Two miles away, the President and his Republican challenger went head-to-head in a lively debate that could help decide the 2012 election.
But just beyond the security phalanx surrounding Hofstra University, about 75 people from across Long Island witnessed the historic presidential debate on live television Tuesday night between President Barack Obama and Republican Gov. Mitt Romney.
At the end, their verdict was unanimous: Obama was the clear winner.
They are not a representative or statistical sampling of any kind. Those attending were from Long Island and New York City, in a state long ago thought to be solidly in the Democratic column. They were invited by Patch to attend the forum.
National polls show the race much closer and hanging on the outcome in several key swing states. But if Tuesday night's gathering was typical of similar ones across the country, in bar rooms and in living rooms, the Republican challenger took a beating Tuesday night.

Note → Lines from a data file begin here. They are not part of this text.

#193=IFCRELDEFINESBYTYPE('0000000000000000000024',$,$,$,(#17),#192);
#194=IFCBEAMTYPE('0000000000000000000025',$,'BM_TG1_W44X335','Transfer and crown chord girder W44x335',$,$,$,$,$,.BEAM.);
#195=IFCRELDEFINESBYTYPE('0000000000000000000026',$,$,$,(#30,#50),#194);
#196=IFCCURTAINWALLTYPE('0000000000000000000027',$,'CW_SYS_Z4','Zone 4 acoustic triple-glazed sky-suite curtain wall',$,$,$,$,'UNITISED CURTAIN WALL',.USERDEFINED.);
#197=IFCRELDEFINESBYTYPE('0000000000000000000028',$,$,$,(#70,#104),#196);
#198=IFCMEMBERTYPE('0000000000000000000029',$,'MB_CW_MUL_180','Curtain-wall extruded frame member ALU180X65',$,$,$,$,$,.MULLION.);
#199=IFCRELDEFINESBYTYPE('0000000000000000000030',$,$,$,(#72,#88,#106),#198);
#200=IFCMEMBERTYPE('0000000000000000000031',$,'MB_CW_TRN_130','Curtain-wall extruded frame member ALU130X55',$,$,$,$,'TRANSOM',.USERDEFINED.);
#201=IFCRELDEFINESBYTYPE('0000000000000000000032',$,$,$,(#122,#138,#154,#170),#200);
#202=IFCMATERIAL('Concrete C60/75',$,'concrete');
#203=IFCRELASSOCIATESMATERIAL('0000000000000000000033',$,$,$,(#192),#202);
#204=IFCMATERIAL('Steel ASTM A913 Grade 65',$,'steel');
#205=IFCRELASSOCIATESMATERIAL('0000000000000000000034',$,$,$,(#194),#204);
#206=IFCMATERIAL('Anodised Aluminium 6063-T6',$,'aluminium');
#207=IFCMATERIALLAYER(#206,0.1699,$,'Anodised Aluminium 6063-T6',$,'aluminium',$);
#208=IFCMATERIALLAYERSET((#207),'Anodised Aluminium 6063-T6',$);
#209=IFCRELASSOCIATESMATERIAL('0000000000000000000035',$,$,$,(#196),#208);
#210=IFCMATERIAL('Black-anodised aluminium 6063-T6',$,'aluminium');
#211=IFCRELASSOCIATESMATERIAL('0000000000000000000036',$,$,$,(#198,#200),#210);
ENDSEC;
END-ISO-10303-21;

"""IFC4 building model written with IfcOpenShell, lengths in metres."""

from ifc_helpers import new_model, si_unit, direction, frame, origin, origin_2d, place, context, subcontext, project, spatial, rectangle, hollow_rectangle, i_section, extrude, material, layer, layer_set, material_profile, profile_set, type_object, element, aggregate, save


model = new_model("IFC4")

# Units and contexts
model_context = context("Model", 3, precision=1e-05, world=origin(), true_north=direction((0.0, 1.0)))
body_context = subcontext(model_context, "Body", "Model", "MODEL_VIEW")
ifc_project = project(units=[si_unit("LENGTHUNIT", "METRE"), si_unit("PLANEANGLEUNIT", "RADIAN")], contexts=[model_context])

When asked by Patch Regional Editor Greg Sleter, the program's moderator, who won the debate, the entire room raised their hands in favor of the President.
Sleter asked again: "No one for Romney?
There was no response.
Most at the gathering had already made up their minds, but Wantagh's Chris Wendt, a self-described "disenfranchised Republican," said the debate helped him decide his vote.
"I'm a moderate and the party has gone too far to the right," Wendt, a corporate manager, said afterward. "In the past I had a great deal of trouble voting for Obama. But Romney is all about the right wing."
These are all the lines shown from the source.